ViPS: Video-informed Pose Spaces for Auto-Rigged Meshes

Kinematic rigs provide a structured interface for articulating 3D meshes, but they lack an inherent representation of the plausible manifold of joint configurations for a given asset. Without such a pose space, stochastic sampling or manual manipulation of raw rig parameters often leads to semantic or geometric violations, such as anatomical hyperextension and non-physical self-intersections. We propose Video-informed Pose Spaces (ViPS), a feed-forward framework that discovers the latent distribution of valid articulations for auto-rigged meshes by distilling motion priors from a pretrained video diffusion model. Unlike existing methods that rely on scarce artist-authored 4D datasets, ViPS transfers generative video priors into a universal distribution over a given rig parameterization. Differentiable geometric validators applied to the skinned mesh enforce asset-specific validity without requiring manual regularizers. Our model learns a smooth, compact, and controllable pose space that supports diverse sampling, manifold projection for inverse kinematics, and temporally coherent trajectories for keyframing. Furthermore, the distilled 3D pose samples serve as precise semantic proxies for guiding video diffusion, effectively closing the loop between generative 2D priors and structured 3D kinematic control. Our evaluations show that ViPS, trained solely on video priors, matches the performance of state-of-the-art methods trained on synthetic artist-created 4D data in both plausibility and diversity. Most importantly, as a universal model, ViPS demonstrates robust zero-shot generalization to out-of-distribution species and unseen skeletal topologies.

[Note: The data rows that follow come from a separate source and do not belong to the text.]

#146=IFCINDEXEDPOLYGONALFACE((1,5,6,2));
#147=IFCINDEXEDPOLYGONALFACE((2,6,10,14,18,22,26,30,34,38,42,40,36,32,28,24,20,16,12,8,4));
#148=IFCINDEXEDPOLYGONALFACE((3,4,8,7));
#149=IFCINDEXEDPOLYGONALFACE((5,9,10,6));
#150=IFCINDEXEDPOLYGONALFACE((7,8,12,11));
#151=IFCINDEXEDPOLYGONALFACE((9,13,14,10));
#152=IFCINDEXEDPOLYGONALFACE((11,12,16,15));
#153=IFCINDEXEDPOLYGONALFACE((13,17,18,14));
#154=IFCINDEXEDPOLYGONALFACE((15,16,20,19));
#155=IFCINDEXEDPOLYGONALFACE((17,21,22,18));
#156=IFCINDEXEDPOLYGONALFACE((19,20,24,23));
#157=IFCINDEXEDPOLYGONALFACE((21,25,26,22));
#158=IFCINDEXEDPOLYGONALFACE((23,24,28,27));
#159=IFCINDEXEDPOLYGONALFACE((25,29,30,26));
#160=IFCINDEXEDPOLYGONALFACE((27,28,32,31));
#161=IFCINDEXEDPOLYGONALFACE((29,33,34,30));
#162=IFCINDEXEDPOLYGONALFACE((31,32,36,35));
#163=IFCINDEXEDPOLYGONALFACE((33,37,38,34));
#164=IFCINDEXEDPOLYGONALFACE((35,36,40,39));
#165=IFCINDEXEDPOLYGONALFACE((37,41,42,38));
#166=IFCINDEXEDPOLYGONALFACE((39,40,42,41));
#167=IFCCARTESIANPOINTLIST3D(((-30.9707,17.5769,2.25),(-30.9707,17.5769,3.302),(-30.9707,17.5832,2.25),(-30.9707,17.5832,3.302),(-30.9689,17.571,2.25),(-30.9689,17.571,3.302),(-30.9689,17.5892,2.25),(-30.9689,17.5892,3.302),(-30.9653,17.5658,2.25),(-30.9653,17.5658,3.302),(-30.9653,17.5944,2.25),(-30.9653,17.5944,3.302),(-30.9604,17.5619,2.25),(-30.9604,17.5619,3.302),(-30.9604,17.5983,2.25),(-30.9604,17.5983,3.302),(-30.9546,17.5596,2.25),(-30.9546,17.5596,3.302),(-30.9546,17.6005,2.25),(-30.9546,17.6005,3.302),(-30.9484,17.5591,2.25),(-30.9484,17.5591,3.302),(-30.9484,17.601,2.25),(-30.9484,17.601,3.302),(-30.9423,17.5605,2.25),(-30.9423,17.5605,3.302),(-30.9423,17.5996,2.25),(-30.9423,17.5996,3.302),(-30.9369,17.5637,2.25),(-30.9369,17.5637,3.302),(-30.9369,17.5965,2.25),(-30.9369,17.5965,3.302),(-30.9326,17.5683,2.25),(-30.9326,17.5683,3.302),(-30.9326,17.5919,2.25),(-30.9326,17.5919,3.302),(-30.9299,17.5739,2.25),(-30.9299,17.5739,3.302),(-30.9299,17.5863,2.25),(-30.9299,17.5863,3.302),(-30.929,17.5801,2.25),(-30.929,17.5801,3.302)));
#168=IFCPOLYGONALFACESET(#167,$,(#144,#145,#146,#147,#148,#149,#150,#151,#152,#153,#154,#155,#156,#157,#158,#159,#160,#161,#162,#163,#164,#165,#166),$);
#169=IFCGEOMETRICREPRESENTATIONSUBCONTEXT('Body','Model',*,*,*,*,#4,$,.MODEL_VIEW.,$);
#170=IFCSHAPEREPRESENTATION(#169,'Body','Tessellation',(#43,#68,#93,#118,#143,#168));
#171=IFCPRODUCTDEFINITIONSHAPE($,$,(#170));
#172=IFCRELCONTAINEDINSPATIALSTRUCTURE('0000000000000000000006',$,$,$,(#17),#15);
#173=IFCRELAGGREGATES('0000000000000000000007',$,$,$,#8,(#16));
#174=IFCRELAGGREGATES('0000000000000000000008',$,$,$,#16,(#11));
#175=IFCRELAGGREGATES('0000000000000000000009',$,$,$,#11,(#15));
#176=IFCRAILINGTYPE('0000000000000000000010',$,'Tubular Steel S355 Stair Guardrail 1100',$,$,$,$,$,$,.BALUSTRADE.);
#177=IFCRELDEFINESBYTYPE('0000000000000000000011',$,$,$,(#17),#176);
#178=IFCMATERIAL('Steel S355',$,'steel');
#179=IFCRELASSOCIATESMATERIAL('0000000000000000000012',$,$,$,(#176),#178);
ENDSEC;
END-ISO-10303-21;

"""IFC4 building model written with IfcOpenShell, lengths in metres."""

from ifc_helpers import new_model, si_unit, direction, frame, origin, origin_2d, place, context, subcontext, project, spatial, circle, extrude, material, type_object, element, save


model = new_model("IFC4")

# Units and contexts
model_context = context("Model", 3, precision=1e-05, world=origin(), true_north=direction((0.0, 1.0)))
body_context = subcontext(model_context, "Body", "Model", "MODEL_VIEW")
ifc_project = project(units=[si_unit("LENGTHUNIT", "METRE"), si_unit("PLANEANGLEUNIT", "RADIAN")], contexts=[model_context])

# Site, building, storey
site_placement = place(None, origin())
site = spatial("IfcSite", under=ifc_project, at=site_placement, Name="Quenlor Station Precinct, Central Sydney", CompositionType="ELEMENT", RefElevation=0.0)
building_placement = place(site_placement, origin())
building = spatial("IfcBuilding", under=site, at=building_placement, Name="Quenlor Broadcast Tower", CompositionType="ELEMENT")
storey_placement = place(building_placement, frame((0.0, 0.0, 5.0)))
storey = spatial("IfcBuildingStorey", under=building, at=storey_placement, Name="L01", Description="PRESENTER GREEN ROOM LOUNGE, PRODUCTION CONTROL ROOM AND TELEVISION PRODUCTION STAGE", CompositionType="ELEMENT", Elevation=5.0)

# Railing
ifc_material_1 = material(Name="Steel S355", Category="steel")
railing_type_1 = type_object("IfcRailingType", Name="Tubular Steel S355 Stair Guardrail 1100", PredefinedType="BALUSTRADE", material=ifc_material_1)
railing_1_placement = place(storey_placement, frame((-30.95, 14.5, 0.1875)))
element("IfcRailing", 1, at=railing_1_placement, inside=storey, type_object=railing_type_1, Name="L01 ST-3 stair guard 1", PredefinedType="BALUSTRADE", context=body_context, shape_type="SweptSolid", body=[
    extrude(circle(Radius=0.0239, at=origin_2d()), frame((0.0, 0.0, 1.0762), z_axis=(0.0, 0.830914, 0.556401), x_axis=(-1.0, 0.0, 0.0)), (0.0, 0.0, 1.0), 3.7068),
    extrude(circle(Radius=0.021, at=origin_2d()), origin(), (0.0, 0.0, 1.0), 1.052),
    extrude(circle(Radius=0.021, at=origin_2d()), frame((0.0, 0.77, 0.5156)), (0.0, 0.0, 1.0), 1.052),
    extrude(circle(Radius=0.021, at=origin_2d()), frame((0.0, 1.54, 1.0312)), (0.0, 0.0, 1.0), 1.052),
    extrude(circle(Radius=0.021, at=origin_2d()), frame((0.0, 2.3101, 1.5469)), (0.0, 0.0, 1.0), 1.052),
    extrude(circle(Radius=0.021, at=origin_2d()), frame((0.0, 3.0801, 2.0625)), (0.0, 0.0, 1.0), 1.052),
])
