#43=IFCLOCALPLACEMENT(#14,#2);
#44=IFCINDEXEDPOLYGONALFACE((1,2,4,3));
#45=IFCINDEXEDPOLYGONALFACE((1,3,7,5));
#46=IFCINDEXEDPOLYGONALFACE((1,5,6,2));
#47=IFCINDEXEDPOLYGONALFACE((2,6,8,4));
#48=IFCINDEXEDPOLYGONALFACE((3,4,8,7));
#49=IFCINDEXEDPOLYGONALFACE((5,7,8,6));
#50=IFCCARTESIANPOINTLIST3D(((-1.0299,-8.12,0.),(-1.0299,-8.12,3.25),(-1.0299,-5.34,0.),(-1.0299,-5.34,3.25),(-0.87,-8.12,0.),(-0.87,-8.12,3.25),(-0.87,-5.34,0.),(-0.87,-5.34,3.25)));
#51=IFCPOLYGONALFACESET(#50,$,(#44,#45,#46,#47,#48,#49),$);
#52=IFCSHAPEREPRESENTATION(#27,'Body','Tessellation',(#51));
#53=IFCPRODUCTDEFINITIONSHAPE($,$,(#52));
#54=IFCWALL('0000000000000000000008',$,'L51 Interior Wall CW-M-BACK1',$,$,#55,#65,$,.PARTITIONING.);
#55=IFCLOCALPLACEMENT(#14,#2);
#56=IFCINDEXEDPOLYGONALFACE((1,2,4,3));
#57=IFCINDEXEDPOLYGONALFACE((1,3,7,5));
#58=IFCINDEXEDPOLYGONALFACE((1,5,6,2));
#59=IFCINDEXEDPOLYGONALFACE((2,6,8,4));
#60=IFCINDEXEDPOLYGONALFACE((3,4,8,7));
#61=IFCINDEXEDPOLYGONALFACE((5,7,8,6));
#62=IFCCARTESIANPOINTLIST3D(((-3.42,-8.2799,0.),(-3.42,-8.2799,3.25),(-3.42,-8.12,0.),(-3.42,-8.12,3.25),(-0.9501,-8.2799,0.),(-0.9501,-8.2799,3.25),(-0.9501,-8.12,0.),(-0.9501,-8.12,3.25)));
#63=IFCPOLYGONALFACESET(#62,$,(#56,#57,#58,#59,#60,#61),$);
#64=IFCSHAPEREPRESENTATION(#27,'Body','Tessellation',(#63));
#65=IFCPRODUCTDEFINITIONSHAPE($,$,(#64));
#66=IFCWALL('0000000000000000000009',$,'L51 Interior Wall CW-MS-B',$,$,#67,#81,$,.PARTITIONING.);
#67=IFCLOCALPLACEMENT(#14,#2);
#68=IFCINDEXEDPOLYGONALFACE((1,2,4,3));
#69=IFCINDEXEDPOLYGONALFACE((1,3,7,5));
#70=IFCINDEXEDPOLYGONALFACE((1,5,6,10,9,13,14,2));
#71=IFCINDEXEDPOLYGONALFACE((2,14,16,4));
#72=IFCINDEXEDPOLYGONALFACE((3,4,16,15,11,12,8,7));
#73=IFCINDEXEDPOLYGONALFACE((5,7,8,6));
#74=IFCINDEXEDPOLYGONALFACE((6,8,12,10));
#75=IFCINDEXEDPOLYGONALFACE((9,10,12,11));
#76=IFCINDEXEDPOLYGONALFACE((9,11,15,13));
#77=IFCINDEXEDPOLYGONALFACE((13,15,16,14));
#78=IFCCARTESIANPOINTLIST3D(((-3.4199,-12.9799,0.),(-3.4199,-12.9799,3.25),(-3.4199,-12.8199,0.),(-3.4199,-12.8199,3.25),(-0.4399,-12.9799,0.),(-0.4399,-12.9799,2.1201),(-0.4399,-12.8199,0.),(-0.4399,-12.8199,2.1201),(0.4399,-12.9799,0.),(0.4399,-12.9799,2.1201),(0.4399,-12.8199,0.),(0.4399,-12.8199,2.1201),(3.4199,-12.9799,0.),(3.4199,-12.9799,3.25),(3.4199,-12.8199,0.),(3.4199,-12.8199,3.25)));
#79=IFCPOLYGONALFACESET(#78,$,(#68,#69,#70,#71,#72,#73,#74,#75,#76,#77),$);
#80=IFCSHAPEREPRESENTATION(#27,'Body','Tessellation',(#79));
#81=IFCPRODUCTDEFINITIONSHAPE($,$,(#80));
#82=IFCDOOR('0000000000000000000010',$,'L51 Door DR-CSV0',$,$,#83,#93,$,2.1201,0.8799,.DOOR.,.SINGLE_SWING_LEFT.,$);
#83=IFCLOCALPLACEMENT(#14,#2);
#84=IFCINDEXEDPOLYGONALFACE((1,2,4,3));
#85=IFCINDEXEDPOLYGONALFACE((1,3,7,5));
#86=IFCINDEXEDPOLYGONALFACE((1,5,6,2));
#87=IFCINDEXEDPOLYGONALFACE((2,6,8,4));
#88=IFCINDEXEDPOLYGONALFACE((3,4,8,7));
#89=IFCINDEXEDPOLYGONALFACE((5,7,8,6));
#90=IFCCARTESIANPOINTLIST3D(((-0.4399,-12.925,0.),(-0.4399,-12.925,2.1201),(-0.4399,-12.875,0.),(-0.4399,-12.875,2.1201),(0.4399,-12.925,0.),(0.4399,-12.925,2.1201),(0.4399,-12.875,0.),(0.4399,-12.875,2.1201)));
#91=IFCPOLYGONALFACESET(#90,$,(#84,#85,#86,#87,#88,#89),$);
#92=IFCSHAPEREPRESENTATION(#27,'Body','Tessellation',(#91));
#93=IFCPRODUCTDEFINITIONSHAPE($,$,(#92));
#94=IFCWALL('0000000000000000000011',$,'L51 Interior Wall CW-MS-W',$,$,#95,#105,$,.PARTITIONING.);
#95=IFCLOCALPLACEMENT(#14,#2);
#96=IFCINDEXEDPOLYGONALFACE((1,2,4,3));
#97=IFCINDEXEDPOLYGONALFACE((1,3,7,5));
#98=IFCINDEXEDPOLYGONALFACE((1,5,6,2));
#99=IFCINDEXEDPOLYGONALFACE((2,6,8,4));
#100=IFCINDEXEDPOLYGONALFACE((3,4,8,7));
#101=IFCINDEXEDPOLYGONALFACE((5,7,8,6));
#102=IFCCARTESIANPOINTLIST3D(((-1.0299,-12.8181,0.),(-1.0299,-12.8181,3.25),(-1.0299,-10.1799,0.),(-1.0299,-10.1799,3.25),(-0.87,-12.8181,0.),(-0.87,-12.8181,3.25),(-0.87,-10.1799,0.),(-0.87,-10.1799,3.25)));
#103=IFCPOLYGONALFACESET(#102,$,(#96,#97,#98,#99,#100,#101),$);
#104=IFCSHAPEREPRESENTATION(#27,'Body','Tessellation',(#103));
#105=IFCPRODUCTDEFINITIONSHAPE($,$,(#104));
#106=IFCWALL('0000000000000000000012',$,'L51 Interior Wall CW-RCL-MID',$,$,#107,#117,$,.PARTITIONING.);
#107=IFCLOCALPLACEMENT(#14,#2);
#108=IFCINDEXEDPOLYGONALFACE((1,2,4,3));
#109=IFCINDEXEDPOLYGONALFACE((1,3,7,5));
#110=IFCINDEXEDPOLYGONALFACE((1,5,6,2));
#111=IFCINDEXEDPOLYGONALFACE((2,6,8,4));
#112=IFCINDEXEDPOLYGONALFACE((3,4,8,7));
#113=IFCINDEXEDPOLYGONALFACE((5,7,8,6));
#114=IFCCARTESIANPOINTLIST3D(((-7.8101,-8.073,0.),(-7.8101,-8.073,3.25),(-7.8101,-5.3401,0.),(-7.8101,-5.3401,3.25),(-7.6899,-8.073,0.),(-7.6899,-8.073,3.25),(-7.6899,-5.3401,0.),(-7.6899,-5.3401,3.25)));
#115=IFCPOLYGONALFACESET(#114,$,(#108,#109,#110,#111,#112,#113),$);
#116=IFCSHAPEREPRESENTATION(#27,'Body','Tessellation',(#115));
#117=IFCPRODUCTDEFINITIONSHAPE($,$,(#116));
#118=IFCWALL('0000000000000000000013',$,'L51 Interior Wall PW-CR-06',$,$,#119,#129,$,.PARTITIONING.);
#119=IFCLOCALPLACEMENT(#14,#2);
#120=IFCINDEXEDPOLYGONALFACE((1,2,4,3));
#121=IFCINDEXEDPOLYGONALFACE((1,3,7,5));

翻译：运动学骨架为三维网格的关节化提供结构化接口，但缺乏对给定资产生效关节构型流形的固有表示。缺失此类姿态空间时，原始骨架参数的随机采样或手动操控常导致语义或几何违规，如解剖学上的过度伸展及非物理自交。我们提出视频信息驱动姿态空间（ViPS），一种通过蒸馏预训练视频扩散模型中的运动先验，为自动蒙皮网格发现有效关节构型隐式分布的前馈框架。与依赖稀缺艺术家创作的四维数据集不同，ViPS将生成式视频先验转化为给定骨架参数化上的通用分布。应用于蒙皮网格的可微几何验证器无需人工正则项即可强制执行资产特异性有效性。本模型学习到平滑、紧凑且可控的姿态空间，支持多样化采样、逆运动学的流形投影及关键帧的时间连贯轨迹。此外，蒸馏出的三维姿态样本可作为精确语义代理以引导视频扩散，有效闭环生成式二维先验与结构化三维运动控制。实验表明，仅基于视频先验训练的ViPS在合理性与多样性上均达到基于合成艺术家创作四维数据的最先进方法水平。最重要的是，作为通用模型，ViPS展现出对分布外物种及未见骨架拓扑的鲁棒零样本泛化能力。